Di dunia yang penuh dengan destinasi wisata terkenal, beberapa tempat yang luar biasa masih tetap menjadi rahasia dan tidak dapat dijangkau oleh kebanyakan orang. Bagi mereka yang cukup berjiwa petualang untuk…
Pada tahun 1296, tindakan awal yang disengaja membentuk kembali wilayah utara Siam. Raja Mengrai, yang menyadari keuntungan strategis dan potensi simbolis, memindahkan pusat kekuasaannya dari Chiang Rai ke cekungan Sungai Ping yang subur, membangun jalan-jalan ortogonal di dalam tembok pertahanan yang kokoh. "Kota baru" ini, yang dalam bahasa sehari-hari disebut Chiang Mai, muncul bukan hanya sebagai penerus ibu kota lama, tetapi juga sebagai titik fokus ambisi Kerajaan Lanna. Sungai Ping, yang berkelok ke selatan untuk bergabung dengan Sungai Chao Phraya yang besar, menyediakan air yang menopang kehidupan dan memfasilitasi pengangkutan barang—beras, jati, keramik—ke dalam jaringan perdagangan Asia Tenggara Daratan yang lebih luas.

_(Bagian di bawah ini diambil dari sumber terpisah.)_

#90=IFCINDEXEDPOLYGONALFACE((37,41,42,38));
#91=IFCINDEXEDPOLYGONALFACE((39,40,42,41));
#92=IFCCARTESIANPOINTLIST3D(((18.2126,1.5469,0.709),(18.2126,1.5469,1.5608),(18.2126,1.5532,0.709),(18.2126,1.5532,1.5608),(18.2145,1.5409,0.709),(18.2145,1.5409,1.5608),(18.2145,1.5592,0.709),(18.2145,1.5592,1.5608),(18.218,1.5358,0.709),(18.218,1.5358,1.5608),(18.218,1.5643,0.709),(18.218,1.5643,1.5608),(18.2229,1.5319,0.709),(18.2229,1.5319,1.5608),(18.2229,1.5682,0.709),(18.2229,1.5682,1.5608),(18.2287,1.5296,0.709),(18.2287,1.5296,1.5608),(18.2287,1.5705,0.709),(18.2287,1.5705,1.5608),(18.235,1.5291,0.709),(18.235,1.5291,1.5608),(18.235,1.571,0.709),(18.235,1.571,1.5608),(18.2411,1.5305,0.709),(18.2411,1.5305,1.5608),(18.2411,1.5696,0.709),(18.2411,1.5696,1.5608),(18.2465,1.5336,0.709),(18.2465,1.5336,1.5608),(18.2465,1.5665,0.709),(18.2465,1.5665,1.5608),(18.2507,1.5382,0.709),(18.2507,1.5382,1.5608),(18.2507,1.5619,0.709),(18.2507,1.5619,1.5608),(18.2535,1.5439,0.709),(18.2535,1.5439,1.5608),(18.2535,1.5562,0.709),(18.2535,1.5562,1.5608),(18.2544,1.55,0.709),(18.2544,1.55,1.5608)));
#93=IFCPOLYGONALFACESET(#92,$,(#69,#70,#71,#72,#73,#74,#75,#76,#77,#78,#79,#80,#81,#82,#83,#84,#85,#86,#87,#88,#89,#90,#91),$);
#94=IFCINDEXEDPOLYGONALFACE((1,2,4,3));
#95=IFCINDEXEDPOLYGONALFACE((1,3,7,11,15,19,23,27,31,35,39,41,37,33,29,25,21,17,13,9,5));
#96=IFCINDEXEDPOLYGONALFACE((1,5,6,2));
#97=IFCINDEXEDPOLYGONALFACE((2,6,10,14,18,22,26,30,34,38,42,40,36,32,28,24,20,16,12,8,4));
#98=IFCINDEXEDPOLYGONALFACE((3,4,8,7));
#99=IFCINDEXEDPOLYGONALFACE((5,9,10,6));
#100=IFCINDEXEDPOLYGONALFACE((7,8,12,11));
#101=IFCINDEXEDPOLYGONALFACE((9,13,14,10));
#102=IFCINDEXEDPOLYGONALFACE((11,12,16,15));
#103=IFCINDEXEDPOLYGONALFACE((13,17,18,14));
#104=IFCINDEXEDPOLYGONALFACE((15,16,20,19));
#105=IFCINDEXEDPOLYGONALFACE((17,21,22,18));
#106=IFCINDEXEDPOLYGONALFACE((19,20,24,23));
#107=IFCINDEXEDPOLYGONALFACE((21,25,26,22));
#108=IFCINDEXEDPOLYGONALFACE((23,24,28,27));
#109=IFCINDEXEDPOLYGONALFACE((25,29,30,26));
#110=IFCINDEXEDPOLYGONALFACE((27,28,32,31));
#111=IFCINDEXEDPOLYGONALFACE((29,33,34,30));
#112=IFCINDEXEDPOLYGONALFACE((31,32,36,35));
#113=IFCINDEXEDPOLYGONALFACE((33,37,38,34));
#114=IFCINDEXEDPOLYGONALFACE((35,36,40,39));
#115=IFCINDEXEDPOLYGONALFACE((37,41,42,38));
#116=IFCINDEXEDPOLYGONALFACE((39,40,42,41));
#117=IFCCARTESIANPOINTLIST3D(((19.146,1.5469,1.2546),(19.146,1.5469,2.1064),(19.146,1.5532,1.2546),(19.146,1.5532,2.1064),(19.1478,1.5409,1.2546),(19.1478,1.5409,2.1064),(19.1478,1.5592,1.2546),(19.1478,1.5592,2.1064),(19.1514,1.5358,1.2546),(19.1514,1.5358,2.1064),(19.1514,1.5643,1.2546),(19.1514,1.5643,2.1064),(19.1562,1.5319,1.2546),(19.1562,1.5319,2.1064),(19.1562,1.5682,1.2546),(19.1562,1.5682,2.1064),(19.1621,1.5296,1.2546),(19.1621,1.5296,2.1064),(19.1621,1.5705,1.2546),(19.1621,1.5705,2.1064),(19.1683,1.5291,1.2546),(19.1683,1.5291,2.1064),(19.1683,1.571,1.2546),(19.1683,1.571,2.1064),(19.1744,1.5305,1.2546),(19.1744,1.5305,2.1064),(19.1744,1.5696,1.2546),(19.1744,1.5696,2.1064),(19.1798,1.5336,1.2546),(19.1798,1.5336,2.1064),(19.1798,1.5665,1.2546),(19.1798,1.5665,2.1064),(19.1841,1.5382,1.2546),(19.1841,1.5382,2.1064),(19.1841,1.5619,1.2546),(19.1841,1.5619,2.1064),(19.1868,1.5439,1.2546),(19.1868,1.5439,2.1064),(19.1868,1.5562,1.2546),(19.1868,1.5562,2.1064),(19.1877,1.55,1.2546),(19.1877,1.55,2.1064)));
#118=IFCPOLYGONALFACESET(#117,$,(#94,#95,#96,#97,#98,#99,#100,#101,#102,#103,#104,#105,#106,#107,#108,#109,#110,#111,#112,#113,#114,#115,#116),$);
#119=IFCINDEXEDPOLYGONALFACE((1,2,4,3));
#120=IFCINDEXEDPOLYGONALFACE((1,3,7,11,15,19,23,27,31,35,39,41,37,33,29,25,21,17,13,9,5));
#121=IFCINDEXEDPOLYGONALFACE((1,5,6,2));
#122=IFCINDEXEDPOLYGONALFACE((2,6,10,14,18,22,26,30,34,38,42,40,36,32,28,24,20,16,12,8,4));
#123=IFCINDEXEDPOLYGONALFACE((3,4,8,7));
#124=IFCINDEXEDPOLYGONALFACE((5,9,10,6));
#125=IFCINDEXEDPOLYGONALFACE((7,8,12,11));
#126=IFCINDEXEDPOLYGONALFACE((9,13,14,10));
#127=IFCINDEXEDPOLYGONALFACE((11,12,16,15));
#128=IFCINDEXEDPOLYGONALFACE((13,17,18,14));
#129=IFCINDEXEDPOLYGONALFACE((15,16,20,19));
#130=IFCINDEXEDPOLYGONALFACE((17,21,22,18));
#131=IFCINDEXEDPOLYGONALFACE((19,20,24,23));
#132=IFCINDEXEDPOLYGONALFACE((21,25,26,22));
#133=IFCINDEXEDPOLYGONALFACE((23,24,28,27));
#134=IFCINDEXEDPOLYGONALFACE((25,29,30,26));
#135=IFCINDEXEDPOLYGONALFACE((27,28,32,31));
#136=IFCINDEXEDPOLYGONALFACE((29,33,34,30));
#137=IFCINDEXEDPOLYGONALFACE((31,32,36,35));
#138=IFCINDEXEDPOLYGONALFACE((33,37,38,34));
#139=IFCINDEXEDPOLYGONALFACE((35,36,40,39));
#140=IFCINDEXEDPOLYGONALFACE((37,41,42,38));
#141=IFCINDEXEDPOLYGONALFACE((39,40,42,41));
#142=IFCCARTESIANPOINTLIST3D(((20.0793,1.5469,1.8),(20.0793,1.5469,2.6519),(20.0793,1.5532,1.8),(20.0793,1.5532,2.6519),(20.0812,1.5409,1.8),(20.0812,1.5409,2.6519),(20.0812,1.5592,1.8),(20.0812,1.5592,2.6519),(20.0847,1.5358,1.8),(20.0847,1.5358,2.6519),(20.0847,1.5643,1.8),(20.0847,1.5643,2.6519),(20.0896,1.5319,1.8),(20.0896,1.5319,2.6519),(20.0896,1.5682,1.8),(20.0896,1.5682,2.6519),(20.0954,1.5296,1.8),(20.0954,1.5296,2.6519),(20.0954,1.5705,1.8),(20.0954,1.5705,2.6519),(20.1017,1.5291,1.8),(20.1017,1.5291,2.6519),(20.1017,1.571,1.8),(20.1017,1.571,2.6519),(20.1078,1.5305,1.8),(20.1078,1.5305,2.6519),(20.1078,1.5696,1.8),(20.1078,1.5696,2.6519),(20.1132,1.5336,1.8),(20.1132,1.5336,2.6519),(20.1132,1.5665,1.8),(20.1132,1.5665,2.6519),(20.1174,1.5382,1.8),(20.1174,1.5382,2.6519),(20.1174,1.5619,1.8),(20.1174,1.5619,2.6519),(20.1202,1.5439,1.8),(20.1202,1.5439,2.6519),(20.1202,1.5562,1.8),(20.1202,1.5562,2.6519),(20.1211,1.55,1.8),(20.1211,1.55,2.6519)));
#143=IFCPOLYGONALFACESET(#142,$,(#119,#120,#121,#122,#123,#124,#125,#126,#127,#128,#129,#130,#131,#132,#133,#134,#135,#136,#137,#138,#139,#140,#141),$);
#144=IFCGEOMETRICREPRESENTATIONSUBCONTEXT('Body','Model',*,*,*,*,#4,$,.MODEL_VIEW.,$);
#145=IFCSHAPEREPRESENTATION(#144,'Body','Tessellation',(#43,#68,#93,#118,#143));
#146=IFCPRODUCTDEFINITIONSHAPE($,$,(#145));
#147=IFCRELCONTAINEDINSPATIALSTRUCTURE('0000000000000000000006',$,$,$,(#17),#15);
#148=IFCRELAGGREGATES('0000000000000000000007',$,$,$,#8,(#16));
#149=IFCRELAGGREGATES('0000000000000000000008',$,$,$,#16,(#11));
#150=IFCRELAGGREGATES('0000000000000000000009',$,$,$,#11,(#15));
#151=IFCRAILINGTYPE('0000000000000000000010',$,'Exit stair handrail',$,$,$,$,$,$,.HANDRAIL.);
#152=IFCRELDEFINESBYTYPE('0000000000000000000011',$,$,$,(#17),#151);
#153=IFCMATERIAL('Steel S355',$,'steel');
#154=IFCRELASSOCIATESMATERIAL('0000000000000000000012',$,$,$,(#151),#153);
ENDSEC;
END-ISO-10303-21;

Nama kota itu, yang secara harfiah berarti "kota baru," merangkum baik sebuah pemutusan hubungan dengan masa lalu maupun janji pembaruan. Para arsitek dan pengrajin kerajaan—yang mengambil inspirasi dari tradisi Burma, Sri Lanka, dan penduduk asli Lanna—memperindah kota metropolitan yang baru lahir itu dengan kuil-kuil yang berhias, yang gemerlap dengan puncak-puncak emas dan dinaungi oleh hutan rimbun. Selama berabad-abad berikutnya, para raja yang berkuasa akan memperluas dan memperindah Chiang Mai, namun jaringan inti, yang dibatasi oleh parit dan benteng, akan bertahan, sebagai bukti ketepatan para pendiri aslinya.
Chiang Mai menempati lembah sungai di dataran tinggi Thailand, sebuah cekungan lebar yang dibentuk oleh pertemuan pegunungan dan dataran rendah. Pada ketinggian rata-rata 300 meter di atas permukaan laut, kawasan pusat kota menjulang lembut dari kedua tepi Sungai Ping. Di sebelah barat, Pegunungan Thanon Thong Chai menjulang, titik tertingginya di Doi Suthep, meruncing dari 1.676 meter ke kaki bukit berhutan. Di sini, kabut berkumpul saat fajar, dan dari sudut pandang seperti itu orang dapat melihat sekilas kota kuno yang terus berubah.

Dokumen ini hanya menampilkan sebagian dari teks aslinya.